Function hoisting is convenient because you don't have to be concerned about the order of definitions in your code. But variable hoisting can lead to surprises as you see with label
. Many developers stopped using var
when JavaScript introduced let
and const
, which do not hoist their variables but instead have scoping semantics similar to other mainstream languages.

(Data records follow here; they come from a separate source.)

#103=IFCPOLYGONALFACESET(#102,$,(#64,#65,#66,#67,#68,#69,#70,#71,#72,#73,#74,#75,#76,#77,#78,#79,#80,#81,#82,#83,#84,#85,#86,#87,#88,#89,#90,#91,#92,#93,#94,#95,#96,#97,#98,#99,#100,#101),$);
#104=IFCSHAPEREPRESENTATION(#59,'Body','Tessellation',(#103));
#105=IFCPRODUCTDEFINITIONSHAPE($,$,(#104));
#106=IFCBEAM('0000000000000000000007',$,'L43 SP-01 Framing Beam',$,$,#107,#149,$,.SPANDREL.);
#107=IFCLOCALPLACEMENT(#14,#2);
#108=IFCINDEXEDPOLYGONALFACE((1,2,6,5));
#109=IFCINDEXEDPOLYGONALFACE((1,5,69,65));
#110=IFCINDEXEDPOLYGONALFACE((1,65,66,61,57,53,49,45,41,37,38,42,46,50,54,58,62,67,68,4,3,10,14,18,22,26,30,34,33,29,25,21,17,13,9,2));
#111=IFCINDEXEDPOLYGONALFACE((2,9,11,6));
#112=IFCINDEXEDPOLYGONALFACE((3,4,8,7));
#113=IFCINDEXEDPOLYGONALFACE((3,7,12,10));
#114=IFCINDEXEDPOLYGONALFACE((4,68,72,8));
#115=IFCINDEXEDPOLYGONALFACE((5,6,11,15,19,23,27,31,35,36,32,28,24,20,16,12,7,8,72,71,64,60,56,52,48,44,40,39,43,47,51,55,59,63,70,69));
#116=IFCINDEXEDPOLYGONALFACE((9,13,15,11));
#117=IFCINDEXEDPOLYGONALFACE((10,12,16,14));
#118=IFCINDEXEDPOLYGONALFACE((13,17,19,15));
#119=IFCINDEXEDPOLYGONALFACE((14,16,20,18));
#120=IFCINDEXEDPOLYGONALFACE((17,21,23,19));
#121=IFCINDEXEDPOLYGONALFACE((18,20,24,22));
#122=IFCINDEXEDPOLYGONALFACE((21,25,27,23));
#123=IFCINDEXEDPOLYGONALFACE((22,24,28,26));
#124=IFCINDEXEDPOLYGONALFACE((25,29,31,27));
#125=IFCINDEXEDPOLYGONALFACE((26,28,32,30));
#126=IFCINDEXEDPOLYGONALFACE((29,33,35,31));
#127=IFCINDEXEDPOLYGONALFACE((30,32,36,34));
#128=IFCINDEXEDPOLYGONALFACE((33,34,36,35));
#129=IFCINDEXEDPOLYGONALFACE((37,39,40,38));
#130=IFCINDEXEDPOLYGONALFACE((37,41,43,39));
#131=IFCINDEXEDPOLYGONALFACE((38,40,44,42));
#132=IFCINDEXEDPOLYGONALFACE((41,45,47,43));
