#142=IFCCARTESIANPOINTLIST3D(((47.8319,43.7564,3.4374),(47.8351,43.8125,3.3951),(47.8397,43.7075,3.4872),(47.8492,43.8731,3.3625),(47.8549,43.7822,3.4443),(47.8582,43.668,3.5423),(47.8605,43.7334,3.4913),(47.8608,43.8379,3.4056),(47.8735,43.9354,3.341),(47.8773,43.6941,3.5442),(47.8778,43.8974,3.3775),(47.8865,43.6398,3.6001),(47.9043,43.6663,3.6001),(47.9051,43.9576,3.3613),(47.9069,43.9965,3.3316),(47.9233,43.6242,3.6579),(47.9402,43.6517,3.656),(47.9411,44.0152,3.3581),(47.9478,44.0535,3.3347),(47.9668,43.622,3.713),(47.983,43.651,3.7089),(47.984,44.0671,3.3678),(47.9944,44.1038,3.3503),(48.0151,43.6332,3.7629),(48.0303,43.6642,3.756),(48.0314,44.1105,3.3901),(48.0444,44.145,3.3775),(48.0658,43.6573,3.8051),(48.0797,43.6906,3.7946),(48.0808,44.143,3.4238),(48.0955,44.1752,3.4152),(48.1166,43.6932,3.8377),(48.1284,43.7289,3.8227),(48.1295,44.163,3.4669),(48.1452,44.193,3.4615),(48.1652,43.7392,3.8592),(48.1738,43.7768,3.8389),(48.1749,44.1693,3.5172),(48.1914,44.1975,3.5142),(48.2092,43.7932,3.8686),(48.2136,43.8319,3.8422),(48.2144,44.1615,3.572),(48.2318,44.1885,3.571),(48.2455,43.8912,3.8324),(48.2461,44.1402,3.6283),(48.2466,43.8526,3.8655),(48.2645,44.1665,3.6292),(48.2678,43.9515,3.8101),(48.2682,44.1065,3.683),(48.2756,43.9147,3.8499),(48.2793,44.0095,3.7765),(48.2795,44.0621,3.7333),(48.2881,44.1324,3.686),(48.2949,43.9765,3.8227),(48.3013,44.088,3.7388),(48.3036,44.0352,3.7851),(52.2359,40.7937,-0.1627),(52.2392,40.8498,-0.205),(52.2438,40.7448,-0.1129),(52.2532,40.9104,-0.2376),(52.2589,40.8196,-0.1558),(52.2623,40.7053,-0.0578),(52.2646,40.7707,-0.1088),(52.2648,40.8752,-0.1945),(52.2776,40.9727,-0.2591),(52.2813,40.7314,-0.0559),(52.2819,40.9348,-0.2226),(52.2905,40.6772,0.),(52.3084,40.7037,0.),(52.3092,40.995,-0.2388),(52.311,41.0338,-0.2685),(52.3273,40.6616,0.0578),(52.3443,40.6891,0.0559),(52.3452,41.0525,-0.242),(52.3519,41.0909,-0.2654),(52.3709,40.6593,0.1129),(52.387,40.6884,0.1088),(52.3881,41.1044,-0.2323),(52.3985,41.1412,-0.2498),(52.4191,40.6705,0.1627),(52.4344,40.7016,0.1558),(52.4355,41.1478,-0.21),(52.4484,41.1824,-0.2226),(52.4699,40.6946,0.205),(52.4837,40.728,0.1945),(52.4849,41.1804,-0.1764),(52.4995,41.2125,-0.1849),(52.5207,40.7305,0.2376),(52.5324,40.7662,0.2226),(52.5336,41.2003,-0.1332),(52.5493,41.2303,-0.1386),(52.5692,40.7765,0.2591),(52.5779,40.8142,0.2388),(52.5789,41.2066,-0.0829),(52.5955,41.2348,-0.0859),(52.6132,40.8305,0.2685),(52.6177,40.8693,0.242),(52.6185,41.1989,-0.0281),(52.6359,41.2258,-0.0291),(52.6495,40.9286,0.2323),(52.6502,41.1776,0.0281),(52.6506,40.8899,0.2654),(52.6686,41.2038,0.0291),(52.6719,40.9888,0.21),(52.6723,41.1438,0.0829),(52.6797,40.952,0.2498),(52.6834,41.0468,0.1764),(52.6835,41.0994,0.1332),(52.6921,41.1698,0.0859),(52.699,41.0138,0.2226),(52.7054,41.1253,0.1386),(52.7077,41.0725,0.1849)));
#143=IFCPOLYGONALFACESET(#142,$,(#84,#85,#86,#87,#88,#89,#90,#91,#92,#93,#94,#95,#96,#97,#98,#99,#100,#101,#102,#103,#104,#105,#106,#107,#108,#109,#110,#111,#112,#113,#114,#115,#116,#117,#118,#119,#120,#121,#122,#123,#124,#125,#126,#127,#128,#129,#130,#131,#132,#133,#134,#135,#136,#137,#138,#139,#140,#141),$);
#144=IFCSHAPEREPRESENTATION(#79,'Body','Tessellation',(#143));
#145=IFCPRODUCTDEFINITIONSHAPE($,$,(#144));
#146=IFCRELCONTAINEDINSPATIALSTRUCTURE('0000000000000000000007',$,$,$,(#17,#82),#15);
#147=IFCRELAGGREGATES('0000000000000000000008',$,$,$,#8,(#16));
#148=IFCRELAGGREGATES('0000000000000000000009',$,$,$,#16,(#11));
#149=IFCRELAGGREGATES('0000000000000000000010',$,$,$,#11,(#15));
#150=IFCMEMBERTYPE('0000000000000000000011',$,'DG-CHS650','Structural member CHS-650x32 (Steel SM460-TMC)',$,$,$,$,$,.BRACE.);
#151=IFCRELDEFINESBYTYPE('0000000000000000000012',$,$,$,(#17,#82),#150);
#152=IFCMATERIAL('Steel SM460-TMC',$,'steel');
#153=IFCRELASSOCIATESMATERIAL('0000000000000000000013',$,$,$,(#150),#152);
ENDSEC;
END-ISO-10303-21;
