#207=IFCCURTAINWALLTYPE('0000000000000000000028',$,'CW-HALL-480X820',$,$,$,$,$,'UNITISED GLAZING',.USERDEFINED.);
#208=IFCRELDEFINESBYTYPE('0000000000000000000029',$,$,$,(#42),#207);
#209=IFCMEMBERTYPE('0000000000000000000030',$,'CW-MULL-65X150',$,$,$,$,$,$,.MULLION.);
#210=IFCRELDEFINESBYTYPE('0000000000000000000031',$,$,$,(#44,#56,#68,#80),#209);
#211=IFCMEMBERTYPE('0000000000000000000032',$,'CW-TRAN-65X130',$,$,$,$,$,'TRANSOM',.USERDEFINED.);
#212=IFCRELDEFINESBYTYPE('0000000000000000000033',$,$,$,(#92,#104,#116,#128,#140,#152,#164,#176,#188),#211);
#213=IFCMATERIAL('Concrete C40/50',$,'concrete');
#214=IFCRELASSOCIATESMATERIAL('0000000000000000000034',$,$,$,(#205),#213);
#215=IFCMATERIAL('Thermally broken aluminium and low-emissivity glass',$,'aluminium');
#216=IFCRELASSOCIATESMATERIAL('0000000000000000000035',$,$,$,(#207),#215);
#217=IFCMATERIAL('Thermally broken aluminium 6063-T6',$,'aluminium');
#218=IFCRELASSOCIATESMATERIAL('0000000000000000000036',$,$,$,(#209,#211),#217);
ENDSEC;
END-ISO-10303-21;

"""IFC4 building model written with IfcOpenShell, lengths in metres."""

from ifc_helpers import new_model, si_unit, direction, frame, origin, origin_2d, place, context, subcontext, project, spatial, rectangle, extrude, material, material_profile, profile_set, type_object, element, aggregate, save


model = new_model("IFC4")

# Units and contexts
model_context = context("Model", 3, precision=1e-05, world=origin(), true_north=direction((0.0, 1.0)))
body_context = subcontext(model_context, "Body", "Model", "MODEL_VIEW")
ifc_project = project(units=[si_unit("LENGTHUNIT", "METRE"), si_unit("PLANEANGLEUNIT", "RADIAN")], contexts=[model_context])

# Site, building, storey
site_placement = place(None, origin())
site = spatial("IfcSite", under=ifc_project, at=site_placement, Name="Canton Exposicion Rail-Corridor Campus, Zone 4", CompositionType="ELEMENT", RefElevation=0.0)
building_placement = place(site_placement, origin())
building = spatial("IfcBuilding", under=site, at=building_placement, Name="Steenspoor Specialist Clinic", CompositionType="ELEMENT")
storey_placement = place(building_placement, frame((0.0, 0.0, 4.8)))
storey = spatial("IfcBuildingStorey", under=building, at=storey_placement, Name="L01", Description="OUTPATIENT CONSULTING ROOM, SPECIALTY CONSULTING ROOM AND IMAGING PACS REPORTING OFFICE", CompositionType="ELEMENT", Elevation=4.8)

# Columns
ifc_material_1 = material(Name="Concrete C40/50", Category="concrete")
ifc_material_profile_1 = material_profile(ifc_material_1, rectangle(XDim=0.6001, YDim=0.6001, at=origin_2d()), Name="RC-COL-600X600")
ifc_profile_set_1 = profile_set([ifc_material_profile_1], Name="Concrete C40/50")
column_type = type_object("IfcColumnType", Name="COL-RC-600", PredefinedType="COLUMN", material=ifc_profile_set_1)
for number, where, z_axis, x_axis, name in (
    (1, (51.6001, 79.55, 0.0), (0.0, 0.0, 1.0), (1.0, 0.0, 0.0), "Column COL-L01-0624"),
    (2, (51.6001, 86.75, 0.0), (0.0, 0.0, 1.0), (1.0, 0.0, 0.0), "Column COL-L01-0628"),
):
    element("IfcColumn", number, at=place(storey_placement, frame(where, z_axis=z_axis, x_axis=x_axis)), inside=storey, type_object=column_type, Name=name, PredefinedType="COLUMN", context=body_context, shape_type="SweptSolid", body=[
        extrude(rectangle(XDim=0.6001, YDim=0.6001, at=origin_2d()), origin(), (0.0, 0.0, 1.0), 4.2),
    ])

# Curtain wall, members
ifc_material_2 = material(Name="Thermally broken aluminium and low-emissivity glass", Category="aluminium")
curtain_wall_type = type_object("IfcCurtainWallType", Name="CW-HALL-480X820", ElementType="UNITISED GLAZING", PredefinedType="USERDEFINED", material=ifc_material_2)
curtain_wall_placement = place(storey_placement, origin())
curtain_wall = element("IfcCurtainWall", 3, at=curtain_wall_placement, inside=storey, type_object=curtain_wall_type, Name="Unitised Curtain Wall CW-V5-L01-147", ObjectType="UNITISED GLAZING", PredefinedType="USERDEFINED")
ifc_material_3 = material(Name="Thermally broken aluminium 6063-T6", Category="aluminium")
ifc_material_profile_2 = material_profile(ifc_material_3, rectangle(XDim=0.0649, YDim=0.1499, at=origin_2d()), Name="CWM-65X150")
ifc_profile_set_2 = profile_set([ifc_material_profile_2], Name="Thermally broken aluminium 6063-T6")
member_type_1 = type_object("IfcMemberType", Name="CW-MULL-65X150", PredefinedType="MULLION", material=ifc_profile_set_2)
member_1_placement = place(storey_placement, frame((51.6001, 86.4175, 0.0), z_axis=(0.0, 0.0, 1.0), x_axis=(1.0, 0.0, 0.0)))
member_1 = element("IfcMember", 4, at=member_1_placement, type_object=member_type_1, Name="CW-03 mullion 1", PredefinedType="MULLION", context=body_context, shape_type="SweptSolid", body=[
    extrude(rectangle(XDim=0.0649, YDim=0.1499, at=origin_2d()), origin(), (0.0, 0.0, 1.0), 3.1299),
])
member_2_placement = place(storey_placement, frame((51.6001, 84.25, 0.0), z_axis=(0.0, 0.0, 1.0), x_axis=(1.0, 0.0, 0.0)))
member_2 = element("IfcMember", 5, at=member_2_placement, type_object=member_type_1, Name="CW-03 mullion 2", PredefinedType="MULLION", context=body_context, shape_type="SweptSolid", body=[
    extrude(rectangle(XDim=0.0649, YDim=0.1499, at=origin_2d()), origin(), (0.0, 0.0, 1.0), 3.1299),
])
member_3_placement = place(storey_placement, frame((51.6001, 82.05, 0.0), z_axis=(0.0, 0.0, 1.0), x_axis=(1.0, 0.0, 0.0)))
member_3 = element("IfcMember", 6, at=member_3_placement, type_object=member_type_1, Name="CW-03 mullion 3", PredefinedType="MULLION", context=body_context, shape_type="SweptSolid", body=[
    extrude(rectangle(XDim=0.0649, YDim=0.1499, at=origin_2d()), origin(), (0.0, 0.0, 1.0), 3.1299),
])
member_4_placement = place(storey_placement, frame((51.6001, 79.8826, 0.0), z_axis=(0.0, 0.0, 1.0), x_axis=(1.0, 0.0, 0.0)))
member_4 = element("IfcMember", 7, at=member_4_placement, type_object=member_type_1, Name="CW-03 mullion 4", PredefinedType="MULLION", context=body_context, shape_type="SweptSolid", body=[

A class is made of instance variables and methods. The instance variables should be visible in all the methods but hidden from outside code. If outside code has free access to the internal state of an object, it may put that object into an inconsistent state. In Java, we make an instance variable visible to all instance methods by declaring it outside them, and we make it hidden to everything else by marking it private
:
class Monster {
private int hitPoints;
public cure(int bump) {
hitPoints += bump;
}
}
To widens its scope to subclasses, we mark it protected
.
Some languages allow us to restrict a variable's scope to just the source file in which it is declared. We impose file scope on a variable in C by declaring it at the top-level and marking it static
:
static char alphabet[] = "abcdefghijklmonpqrstuvwxyz";
void f() {
// ...
}
If we leave off static
, then other files may access alphabet
if they include their own declaration and mark it extern
:
extern char alphabet[];
int main() {
printf("%s\n", alphabet);
return 0;
}
The keyword static
has different semantics if we apply it to a local variable rather than a global. Consider this function that tracks how many times it has been called:
void audited_function() {
static int callCount = 0;
++callCount;
// ...
}
In this context, static
means that the variable persists even after the function returns. It has the lifetime of a global variable, but the scope of a local. The initialization only occurs once, and the incremented value is retained between calls.
Shadowing
What happens when an inner scope introduces a variable with the same name as a variable in the outer scope? This doubling up of identifiers is called shadowing. It is legal in some languages and contexts and illegal in others. Consider this Java code:
class Monster {
private int hitPoints;
public Monster(int hitPoints) {
this.hitPoints = hitPoints;
}
}
The constructor parameter shadows and supercedes the instance variable from the larger class scope. Java allows us to access both but gives preference to the innermost scope. To reach out to the instance variable, we must qualify the variable as this.hitPoints
.
On the other hand, shadowing a parameter with a local variable is not allowed in Java:
class Monster {
private int hitPoints;
public Monster(int hitPoints) {
int hitPoints = ...;
}
}
C is more tolerant. This program has two independent variables named c
:
char c = 'a';
for (char c = 'z'; c >= 'w'; --c) {
printf("%c\n", c);
}
printf("%c\n", c); // prints 'a'
Reusing names from nearby scopes easily confuses the humans that read and write code. Even if shadowing is legal, we should use it with caution. The mere availability of a feature in a programming language is not enough reason to warrant its use.